Private investments in and capital transactions for healthcare technologies continue to grow— in 2014, more than $5 billion was invested in healthcare technologies, up 15% to 20% from 2013.1 Because many of the new technologies are relevant to individuals needing BH, I/DD, or LTSS services, we analyzed the top 80% of investments and transactions by size to determine how much money was being invested in relevant offerings. The answer: about two-thirds of the total (about $3.3 billion), most of which was clustered into three categories: administrative tools, care plan/ data exchange, and remote monitoring. It is noteworthy, though, that investments in these three categories have remained steady or declined in recent years (Exhibit 5).

Exhibit 5

In 2013 and 2014, about 20% of all private investments focused on administrative tools, which may be especially important for providers of BH, I/DD, and LTSS services, given their generally small size. The adoption of managed care by state Medicaid programs and changing reimbursement approaches for individuals with commercial insurance are continuing the trend toward integration and imposing new requirements (e.g., quality reporting). Administrative tools help by automating many aspects of practice management, streamlining electronic health records, facilitating reimbursement requests, and more. Although many of the tools are geared to physical health and traditional medical providers, technology companies (e.g., Homecare Homebase or NextGen) are expanding their focus to address the administrative needs of supportive services providers, such as electronic health records (EHRs) designed specifically for BH treatment.

Care plan/data exchange tools and remote monitoring (which have some overlap with the administrative tools discussed above) each received about 15% of the 2013–2014 private investments. A number of mid-size players with similar technologies are developing care plan/data exchange tools, which allow providers to easily share medical data with other supportive care providers, payors, and patients. These tools could become critical enablers as states and payors increase coordination within fragmented delivery systems. However, many of them are relatively new and have not been extensively implemented, and thus there are no clear widely preferred tools currently in the market.

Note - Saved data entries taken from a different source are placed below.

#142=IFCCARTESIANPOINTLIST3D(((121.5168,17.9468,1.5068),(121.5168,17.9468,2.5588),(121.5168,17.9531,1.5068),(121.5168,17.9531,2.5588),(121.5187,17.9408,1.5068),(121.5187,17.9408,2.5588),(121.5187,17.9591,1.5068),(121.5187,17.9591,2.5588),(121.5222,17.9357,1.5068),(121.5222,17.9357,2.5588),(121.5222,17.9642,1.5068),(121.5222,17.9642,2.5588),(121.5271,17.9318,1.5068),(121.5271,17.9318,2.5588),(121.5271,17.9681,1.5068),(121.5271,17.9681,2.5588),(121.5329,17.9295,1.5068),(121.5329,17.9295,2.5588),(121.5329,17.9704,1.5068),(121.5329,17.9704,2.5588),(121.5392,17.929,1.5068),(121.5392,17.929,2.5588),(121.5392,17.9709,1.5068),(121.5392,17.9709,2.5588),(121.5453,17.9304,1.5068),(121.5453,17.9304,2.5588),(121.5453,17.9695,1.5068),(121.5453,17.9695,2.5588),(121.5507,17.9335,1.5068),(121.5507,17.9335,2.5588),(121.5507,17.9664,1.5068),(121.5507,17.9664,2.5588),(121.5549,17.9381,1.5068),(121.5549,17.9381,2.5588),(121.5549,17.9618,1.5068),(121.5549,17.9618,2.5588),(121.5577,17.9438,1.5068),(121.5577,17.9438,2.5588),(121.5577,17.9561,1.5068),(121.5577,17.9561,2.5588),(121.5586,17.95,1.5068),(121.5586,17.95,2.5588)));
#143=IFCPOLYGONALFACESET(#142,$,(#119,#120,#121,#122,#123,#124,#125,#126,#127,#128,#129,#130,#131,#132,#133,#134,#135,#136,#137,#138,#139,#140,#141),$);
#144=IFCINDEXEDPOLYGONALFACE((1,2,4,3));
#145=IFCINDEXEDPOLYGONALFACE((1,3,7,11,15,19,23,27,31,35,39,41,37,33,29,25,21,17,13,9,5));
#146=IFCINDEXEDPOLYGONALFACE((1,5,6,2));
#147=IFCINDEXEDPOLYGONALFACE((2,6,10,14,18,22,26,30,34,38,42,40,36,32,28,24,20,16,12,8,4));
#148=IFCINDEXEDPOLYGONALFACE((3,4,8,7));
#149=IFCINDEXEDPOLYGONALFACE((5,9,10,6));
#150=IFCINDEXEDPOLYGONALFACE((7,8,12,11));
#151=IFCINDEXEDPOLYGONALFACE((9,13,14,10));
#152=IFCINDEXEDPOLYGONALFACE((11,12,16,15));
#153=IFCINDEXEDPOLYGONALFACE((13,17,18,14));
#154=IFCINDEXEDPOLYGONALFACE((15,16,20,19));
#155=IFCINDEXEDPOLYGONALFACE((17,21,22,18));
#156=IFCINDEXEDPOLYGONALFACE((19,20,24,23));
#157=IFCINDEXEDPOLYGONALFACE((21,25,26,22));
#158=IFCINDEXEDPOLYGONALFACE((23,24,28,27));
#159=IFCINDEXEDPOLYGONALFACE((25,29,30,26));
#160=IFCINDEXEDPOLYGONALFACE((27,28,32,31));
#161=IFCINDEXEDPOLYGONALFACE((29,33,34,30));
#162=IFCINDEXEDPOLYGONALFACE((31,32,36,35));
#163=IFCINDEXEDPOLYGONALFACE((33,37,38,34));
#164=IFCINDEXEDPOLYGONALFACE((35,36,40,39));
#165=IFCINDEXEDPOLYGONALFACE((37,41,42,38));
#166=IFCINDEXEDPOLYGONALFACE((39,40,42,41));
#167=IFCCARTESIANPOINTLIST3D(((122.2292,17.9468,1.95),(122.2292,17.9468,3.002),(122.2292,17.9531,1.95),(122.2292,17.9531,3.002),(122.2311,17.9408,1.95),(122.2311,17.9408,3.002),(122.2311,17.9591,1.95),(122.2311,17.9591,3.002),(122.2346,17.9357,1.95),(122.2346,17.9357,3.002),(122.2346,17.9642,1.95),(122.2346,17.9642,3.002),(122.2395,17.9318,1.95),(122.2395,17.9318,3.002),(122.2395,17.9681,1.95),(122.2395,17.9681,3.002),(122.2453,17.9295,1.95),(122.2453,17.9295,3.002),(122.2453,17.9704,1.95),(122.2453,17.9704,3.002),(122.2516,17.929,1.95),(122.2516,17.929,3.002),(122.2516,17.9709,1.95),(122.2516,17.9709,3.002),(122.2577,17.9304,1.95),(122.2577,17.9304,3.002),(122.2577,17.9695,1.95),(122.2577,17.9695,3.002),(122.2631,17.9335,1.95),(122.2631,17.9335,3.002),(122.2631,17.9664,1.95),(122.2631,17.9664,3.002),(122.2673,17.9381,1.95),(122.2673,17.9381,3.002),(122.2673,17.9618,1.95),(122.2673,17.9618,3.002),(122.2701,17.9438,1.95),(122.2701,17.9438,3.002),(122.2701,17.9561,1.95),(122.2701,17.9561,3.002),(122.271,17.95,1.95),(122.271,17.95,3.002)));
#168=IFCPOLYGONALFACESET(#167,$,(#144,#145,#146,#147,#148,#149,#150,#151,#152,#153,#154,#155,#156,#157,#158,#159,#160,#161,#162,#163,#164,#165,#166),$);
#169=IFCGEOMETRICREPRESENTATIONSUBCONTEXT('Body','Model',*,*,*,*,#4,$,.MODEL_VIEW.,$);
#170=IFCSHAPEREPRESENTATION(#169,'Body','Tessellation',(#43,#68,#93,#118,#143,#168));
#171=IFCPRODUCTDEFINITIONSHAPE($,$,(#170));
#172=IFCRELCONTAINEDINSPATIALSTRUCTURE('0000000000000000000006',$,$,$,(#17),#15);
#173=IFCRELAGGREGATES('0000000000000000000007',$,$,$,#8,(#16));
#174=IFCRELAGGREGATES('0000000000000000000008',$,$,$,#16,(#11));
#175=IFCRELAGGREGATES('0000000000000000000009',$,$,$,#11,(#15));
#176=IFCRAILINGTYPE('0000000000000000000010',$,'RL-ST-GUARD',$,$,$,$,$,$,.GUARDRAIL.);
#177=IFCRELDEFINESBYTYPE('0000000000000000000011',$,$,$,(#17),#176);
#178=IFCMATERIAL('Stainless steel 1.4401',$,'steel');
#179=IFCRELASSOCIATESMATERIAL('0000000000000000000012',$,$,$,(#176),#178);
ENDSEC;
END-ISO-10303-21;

Remote monitoring has drawn attention as payors and providers experiment with different ways to capture real-time patient data and test whether the data can improve outcomes. At present, several smaller players are working on remote monitoring devices, but only a few companies are doing it at scale. Some providers are piloting the use of the real-time data to adjust patients’ care plans on a monthly or weekly basis. Studies have shown that remote monitoring has measurable impact in reducing readmission rates and improving early detection and diagnosis of certain conditions. 2,3 In other cases, remote monitoring is being used to check for—and address—potential gaps in care. Many states are using remote monitoring this way to help ensure that needed services are delivered in timely fashion, to gather point-of-service quality satisfaction data, and to engage the on-site care provider as a member of the care team (e.g., the provider can send real-time status updates to a care coordinator regarding changes in status that warrant intervention.

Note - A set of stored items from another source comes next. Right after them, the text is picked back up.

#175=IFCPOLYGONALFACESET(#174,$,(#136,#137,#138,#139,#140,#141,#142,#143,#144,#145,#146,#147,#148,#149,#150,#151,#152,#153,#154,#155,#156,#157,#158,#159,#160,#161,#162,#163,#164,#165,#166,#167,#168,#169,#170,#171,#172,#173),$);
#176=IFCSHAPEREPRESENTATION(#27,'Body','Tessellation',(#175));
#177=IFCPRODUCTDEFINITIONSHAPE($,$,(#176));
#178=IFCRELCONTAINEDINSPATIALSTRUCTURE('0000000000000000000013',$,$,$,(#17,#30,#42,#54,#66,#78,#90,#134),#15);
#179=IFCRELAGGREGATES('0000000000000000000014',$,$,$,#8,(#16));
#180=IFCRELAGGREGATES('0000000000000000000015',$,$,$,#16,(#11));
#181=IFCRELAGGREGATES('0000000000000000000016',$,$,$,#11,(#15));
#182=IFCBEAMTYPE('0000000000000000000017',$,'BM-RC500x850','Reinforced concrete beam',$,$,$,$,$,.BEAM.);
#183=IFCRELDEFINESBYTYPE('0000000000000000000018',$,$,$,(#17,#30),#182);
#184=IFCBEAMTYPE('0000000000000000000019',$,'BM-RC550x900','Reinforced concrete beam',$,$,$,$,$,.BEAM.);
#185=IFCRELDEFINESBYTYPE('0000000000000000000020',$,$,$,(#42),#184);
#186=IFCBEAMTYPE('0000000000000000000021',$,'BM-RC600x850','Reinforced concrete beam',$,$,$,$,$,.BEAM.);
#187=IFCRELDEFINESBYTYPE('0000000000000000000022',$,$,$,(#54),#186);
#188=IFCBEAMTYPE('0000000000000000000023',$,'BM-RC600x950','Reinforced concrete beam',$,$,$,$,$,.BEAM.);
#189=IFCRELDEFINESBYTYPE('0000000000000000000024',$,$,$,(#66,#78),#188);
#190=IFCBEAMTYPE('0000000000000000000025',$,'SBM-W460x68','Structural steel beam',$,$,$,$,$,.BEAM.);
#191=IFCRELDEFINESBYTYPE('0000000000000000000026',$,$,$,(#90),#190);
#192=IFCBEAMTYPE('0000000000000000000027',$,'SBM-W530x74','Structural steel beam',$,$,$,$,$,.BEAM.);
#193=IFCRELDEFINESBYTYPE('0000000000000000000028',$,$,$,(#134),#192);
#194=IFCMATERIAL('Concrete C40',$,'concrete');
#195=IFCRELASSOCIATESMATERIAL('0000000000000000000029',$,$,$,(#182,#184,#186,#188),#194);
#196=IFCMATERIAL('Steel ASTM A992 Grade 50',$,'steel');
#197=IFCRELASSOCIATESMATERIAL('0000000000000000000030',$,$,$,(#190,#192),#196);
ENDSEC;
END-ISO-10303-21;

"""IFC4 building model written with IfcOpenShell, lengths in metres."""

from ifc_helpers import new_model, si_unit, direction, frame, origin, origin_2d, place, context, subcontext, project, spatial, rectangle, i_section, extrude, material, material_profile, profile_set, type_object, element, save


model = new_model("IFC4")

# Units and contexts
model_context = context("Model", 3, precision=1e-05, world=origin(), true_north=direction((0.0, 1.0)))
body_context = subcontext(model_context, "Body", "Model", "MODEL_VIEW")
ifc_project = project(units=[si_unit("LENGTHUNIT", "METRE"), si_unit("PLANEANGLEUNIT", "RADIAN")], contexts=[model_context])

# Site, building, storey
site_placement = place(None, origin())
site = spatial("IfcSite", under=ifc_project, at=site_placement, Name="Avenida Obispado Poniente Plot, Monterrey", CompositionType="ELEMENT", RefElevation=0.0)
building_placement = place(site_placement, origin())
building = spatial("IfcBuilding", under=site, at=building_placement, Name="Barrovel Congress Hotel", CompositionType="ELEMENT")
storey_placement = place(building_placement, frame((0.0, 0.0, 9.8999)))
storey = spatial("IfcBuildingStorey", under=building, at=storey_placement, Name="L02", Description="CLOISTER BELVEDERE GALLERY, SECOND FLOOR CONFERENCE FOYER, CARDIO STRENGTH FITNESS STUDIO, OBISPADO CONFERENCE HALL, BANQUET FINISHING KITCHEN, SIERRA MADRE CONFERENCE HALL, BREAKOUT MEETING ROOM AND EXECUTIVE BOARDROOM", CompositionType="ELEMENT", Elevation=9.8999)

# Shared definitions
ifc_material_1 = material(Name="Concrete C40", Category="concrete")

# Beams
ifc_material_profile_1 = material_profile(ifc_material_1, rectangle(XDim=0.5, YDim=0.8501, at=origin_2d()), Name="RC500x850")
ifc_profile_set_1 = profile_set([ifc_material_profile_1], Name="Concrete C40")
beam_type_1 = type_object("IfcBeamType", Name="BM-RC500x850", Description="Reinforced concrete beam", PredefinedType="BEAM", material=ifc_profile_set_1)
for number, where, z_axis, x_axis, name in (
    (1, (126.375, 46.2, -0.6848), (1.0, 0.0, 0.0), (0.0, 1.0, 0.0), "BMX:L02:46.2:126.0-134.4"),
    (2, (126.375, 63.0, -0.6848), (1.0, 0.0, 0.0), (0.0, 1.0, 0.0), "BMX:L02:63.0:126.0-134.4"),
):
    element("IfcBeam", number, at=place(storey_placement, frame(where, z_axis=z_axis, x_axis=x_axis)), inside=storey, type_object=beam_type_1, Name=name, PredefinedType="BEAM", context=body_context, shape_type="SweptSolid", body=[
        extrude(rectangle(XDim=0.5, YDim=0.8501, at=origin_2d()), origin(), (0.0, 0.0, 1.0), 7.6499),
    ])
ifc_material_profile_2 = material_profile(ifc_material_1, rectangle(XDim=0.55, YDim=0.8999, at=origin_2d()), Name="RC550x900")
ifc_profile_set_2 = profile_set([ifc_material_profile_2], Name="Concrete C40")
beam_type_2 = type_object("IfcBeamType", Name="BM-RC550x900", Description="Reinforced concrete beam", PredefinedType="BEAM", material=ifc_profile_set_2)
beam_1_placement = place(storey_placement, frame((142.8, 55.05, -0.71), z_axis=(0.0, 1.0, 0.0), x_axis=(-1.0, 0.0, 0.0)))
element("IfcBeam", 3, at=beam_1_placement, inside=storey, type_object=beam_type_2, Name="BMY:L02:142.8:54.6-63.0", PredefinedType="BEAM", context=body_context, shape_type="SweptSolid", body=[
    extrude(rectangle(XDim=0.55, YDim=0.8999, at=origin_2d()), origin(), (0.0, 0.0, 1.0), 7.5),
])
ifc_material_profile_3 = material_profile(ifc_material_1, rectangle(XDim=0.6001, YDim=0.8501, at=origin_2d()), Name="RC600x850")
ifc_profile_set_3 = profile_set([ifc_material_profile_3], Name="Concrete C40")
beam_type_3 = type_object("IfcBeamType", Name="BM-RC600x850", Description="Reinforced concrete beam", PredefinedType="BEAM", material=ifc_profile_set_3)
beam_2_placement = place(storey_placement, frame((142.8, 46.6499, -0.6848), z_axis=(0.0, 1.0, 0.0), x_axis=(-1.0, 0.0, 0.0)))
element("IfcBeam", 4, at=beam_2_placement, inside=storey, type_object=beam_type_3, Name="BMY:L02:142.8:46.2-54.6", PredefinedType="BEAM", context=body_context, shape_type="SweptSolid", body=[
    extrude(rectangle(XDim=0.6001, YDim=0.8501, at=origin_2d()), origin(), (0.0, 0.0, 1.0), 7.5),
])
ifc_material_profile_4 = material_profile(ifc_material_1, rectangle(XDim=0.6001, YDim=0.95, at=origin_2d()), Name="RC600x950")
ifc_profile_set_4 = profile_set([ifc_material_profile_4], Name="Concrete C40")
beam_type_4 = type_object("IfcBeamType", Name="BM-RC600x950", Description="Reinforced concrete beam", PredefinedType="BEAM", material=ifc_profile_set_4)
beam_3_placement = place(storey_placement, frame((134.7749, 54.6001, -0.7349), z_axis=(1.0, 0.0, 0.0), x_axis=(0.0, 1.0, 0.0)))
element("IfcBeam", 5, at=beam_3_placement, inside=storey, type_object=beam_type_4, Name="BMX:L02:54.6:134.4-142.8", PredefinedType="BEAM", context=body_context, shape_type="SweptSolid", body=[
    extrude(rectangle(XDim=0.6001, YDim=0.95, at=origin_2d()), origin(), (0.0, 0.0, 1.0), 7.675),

Private investment levels, although still small, are growing rapidly in several areas that have strong potential to influence care delivery for individuals needing BH, I/DD, or LTSS services. These areas include:

In addition, many states are investing, or mandating that the MCOs they work with invest, in needs assessment tools that measure how well individuals can perform activities of daily living (ADLs). These tools are particularly important to ensure that individuals with BH conditions or I/DD and those needing LTSS receive the level of care appropriate for their level of functionality; however, they remain difficult to administer logistically and sometimes show poor inter-rater reliability. As the use of these tools has expanded, new technologies have been emerging to streamline data collection and care plan development. An evolution of this concept is to utilize remote monitoring to enable real-time ADL assessment.

However, it is not yet clear which of these tools and technologies will be most effective, or what type of impact they will have on the quality of care delivered, outcomes achieved, or the affected individuals’ perception of quality of life.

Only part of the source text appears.